CHANGCHUB
Cultivating Buddha Mind

Saturday, May 02, 2009

emptiness of mind

The mind is not truly existent. Nothing is truly existent -- all phenomena are empty -- but as Tulku Urgyen Rinpoché points out, the mind is a special kind of phenomenon, empty in a different way (Buddha Nowhere Else, Quintessential Dzogchen p. 165).

Phenomena such as material objects, like tables and bodies, and phenomena such as mental objects, like thoughts and ideas, are empty in the sense of impermanence: they arise as a relative conglomeration of other phenomena, and then they pass. For a time there is an appearing substance that we name and grasp at, a thing we call "table" or "idea", before the thing metamorphoses into something else. The truth of phenomenal emptiness is that there is no period during which change is not taking place. Objects are either in the process of arising or in the process of passing away.
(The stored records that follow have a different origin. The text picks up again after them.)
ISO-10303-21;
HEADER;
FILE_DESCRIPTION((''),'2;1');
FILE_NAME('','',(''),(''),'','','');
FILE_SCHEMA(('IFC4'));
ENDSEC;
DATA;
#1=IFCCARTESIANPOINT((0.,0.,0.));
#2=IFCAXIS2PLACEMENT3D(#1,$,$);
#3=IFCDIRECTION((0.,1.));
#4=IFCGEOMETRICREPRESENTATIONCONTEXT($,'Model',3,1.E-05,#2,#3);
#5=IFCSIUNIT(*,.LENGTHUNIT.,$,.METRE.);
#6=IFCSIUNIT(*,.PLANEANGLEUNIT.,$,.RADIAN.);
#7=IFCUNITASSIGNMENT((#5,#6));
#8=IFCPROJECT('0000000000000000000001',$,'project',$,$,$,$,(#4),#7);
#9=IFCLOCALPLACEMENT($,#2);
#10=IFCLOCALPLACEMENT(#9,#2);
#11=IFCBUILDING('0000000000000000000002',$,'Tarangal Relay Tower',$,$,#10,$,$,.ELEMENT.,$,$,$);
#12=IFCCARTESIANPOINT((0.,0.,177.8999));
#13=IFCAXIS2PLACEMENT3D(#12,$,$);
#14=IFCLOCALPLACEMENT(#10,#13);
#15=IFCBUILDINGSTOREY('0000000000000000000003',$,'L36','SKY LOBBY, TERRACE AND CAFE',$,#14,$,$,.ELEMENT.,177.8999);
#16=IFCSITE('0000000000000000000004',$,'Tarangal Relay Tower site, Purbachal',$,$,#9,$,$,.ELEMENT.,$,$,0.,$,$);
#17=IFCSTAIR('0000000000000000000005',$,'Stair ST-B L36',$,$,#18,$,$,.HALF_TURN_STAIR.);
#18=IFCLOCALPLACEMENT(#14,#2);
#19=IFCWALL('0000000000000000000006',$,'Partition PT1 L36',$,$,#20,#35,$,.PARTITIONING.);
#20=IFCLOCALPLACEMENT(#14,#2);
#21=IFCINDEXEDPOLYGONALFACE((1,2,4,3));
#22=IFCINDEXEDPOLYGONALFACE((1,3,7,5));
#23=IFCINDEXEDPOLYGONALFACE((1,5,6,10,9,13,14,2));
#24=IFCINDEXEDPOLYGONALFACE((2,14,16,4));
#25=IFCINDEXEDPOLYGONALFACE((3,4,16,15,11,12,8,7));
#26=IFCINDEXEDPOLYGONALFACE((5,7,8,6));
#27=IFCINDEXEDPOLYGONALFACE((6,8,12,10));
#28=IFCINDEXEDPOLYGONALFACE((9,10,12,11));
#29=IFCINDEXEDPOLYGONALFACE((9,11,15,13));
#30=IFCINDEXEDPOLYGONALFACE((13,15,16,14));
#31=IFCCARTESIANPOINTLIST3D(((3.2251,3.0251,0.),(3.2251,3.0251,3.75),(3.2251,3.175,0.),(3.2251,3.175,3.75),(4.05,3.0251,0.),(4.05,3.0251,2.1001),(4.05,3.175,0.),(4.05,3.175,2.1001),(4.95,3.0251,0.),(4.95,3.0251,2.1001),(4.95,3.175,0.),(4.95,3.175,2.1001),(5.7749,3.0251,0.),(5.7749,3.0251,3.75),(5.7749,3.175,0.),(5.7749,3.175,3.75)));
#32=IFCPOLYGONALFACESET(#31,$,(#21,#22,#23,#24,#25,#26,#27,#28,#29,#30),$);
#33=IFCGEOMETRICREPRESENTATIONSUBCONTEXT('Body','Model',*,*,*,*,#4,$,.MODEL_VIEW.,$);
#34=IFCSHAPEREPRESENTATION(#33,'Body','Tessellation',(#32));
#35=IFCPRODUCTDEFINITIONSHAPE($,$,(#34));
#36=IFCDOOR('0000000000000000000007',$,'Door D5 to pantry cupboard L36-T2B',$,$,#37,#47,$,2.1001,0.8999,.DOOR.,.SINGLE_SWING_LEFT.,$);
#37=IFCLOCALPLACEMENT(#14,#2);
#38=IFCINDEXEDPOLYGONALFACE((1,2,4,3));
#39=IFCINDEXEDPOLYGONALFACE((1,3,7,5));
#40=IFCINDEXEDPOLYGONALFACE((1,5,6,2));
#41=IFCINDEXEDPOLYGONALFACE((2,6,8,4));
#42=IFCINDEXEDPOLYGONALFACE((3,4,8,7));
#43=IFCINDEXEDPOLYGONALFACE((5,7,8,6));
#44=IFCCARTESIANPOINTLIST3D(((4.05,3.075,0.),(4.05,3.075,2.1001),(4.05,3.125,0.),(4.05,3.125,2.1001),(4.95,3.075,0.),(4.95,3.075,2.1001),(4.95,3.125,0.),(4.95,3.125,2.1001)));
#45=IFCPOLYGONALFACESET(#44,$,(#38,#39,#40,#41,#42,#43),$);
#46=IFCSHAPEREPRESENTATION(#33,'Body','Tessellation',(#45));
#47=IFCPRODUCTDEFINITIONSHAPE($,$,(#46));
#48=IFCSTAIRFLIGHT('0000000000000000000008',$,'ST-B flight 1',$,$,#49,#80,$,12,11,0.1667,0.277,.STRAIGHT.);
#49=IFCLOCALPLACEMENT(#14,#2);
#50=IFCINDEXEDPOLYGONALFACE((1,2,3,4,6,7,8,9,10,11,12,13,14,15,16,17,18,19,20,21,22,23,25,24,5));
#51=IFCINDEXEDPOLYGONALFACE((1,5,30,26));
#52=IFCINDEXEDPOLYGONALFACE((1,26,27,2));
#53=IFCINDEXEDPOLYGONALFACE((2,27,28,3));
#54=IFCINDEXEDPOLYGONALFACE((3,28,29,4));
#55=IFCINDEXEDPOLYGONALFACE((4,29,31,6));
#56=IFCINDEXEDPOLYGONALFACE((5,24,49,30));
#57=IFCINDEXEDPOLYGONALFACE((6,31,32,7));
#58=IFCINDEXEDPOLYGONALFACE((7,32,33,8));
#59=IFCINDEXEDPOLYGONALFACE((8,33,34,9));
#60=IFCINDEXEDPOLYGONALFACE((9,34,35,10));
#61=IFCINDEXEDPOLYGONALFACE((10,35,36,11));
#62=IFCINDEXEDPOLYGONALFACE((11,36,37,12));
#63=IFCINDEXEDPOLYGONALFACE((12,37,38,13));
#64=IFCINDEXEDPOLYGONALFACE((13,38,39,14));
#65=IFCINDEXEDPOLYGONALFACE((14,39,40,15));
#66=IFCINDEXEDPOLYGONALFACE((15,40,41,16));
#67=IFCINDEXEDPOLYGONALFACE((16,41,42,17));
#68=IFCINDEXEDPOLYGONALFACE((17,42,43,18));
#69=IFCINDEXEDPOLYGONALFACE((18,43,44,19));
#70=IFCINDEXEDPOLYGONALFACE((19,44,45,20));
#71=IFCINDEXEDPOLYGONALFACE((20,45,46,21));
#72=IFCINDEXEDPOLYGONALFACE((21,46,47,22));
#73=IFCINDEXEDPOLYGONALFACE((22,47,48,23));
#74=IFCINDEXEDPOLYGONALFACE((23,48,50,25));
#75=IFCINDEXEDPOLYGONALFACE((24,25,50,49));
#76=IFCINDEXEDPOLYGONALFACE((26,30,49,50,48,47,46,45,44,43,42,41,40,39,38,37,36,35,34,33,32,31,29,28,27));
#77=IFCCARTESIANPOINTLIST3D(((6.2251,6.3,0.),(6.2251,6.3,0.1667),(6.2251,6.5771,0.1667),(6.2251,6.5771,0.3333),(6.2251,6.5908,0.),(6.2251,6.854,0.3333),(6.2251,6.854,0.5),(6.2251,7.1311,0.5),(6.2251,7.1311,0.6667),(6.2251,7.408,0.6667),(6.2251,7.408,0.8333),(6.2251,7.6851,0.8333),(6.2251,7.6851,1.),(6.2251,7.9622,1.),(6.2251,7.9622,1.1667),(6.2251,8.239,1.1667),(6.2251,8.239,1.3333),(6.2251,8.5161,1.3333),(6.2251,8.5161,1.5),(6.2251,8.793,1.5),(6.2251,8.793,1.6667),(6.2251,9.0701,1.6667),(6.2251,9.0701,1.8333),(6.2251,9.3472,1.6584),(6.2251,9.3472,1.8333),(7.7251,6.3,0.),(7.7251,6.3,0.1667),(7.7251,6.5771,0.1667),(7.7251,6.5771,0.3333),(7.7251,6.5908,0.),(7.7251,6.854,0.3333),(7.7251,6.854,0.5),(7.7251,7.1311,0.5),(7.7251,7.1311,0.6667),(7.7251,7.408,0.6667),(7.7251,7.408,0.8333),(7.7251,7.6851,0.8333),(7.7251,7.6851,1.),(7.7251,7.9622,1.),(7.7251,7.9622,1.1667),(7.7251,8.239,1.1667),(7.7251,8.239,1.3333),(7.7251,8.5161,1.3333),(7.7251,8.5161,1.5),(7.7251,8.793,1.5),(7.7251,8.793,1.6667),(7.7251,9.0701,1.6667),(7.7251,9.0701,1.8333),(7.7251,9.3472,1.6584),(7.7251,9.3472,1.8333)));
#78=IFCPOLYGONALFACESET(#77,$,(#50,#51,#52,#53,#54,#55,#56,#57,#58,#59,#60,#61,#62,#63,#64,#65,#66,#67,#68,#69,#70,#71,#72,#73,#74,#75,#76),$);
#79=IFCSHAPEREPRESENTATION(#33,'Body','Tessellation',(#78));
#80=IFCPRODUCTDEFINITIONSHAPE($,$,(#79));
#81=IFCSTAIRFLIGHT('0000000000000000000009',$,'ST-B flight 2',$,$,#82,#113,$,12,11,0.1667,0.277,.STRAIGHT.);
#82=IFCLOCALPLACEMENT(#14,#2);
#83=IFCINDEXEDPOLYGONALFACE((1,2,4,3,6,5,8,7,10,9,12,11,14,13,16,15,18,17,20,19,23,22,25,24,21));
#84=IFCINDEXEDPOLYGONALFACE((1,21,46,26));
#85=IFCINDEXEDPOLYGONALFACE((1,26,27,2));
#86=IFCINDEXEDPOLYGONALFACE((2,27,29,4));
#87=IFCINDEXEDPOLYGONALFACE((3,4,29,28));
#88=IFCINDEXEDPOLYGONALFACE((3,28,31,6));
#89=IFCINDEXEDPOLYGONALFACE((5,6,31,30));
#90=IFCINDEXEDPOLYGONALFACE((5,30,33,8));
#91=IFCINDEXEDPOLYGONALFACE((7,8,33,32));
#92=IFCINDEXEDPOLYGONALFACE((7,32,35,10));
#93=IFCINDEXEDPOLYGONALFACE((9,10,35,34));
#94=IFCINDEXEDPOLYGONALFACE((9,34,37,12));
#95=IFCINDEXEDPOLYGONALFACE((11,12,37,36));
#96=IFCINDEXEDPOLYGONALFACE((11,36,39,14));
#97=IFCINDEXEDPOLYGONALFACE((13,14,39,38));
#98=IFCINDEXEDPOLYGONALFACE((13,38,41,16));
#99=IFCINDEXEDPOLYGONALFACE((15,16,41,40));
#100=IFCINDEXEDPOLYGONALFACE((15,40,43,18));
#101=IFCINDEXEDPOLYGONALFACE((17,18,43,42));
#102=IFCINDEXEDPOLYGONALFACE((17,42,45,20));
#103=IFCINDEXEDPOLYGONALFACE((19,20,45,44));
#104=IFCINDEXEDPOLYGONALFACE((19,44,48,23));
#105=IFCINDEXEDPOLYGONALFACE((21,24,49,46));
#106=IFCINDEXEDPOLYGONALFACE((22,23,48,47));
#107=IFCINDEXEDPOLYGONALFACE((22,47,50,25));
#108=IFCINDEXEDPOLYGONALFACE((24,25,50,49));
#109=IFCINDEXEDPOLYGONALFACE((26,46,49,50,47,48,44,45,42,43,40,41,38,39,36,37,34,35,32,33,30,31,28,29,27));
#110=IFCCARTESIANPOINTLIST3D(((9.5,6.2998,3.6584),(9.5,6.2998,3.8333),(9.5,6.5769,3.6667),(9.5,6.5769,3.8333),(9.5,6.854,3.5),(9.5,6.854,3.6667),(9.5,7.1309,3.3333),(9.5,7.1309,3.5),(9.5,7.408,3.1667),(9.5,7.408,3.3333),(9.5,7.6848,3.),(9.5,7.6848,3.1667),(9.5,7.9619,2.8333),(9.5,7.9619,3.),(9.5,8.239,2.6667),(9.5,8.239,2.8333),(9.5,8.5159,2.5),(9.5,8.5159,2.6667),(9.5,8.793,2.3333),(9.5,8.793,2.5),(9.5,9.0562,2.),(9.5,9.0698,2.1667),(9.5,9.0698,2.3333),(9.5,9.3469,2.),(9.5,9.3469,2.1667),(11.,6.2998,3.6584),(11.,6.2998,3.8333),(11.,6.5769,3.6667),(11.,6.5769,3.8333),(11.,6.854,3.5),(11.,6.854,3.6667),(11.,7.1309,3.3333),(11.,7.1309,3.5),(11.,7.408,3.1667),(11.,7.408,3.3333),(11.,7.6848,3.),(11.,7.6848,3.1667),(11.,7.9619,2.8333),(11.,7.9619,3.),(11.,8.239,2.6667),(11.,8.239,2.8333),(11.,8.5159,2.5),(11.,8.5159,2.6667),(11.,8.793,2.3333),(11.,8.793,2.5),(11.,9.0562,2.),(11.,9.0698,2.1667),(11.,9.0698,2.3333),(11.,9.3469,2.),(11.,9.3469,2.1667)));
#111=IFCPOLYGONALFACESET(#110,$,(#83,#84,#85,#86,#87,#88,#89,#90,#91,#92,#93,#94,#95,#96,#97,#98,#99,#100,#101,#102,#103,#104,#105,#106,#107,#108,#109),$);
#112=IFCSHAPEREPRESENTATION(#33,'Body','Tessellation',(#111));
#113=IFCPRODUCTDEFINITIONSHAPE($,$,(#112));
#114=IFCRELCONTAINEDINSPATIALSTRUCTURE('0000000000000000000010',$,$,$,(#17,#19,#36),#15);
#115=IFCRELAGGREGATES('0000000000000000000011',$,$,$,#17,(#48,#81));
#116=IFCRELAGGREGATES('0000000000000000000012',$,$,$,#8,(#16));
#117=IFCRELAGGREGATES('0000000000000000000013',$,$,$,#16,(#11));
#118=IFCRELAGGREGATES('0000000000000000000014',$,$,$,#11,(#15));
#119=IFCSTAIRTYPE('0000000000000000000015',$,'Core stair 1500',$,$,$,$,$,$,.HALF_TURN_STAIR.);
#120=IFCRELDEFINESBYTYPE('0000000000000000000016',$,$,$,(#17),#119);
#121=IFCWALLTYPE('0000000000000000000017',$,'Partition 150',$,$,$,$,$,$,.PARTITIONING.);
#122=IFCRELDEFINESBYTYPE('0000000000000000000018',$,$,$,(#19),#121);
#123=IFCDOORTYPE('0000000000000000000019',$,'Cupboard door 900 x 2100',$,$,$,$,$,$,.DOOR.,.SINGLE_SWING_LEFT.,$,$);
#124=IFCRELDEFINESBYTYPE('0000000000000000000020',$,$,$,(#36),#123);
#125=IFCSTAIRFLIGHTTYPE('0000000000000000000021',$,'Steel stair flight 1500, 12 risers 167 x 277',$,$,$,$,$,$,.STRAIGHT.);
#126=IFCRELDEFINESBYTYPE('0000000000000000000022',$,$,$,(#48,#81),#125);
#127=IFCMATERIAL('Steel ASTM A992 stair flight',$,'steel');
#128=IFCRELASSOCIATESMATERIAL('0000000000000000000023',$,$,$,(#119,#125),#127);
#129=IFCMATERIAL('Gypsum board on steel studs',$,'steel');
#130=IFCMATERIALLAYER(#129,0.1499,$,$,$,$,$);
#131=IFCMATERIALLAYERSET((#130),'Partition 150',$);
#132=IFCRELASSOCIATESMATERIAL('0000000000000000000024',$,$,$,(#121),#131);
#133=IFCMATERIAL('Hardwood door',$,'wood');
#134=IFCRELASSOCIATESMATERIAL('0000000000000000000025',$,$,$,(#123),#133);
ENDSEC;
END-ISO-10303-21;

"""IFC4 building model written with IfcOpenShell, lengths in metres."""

from ifc_helpers import new_model, si_unit, direction, frame, frame_2d, origin, place, context, subcontext, project, spatial, polyline, rectangle, outline, extrude, material, layer, layer_set, type_object, element, fill, aggregate, save


model = new_model("IFC4")

# Units and contexts
model_context = context("Model", 3, precision=1e-05, world=origin(), true_north=direction((0.0, 1.0)))
body_context = subcontext(model_context, "Body", "Model", "MODEL_VIEW")
ifc_project = project(units=[si_unit("LENGTHUNIT", "METRE"), si_unit("PLANEANGLEUNIT", "RADIAN")], contexts=[model_context])

# Site, building, storey
site_placement = place(None, origin())
site = spatial("IfcSite", under=ifc_project, at=site_placement, Name="Tarangal Relay Tower site, Purbachal", CompositionType="ELEMENT", RefElevation=0.0)
building_placement = place(site_placement, origin())
building = spatial("IfcBuilding", under=site, at=building_placement, Name="Tarangal Relay Tower", CompositionType="ELEMENT")
storey_placement = place(building_placement, frame((0.0, 0.0, 177.8999)))
storey = spatial("IfcBuildingStorey", under=building, at=storey_placement, Name="L36", Description="SKY LOBBY, TERRACE AND CAFE", CompositionType="ELEMENT", Elevation=177.8999)

# Stair
ifc_material_1 = material(Name="Steel ASTM A992 stair flight", Category="steel")
stair_type = type_object("IfcStairType", Name="Core stair 1500", PredefinedType="HALF_TURN_STAIR", material=ifc_material_1)
stair_1_placement = place(storey_placement, origin())
stair_1 = element("IfcStair", 1, at=stair_1_placement, inside=storey, type_object=stair_type, Name="Stair ST-B L36", PredefinedType="HALF_TURN_STAIR")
Angela once told me that we can not in good faith call a table a "table", but should use nothing but verbs, calling it "tabling". Phenomena are just that unstable.

Mind, which I intend to mean not the objects of mind but the subject or that which does the thinking, is not like that; mind is no-thing. The emptiness of the mind is not in its impermanence but in its no-thing-ness. As much as we can observe the arising and passing away of a thought, and as much as we can know of the arising and passing away of seemingly stable mountains or planets, we can not say the same for the mind. There is no substance whatsoever, not even temporarily appearing, that we call "mind".

Is the mind then permanent? In a sense, it is permanent. It is, as I have been posting about lately, primordially pure and not dependent on causes and conditions. It is and has always been since beginningless time clear and brilliant, cognizant and aware, untainted by any samsaric arisings, indestructible: "Its original nature is the dharmakaya of all buddhas" (Tulku Urgyen Rinpoché, p. 165). But I don't think we can really say it is permanent, since it doesn't truly exist. Relatively speaking, we do assume or infer that the mind exists, and upon analysis, we can see it as primordially pure, but on an absolute level there is nothing to be found, nothing of which permanence can be an aspect.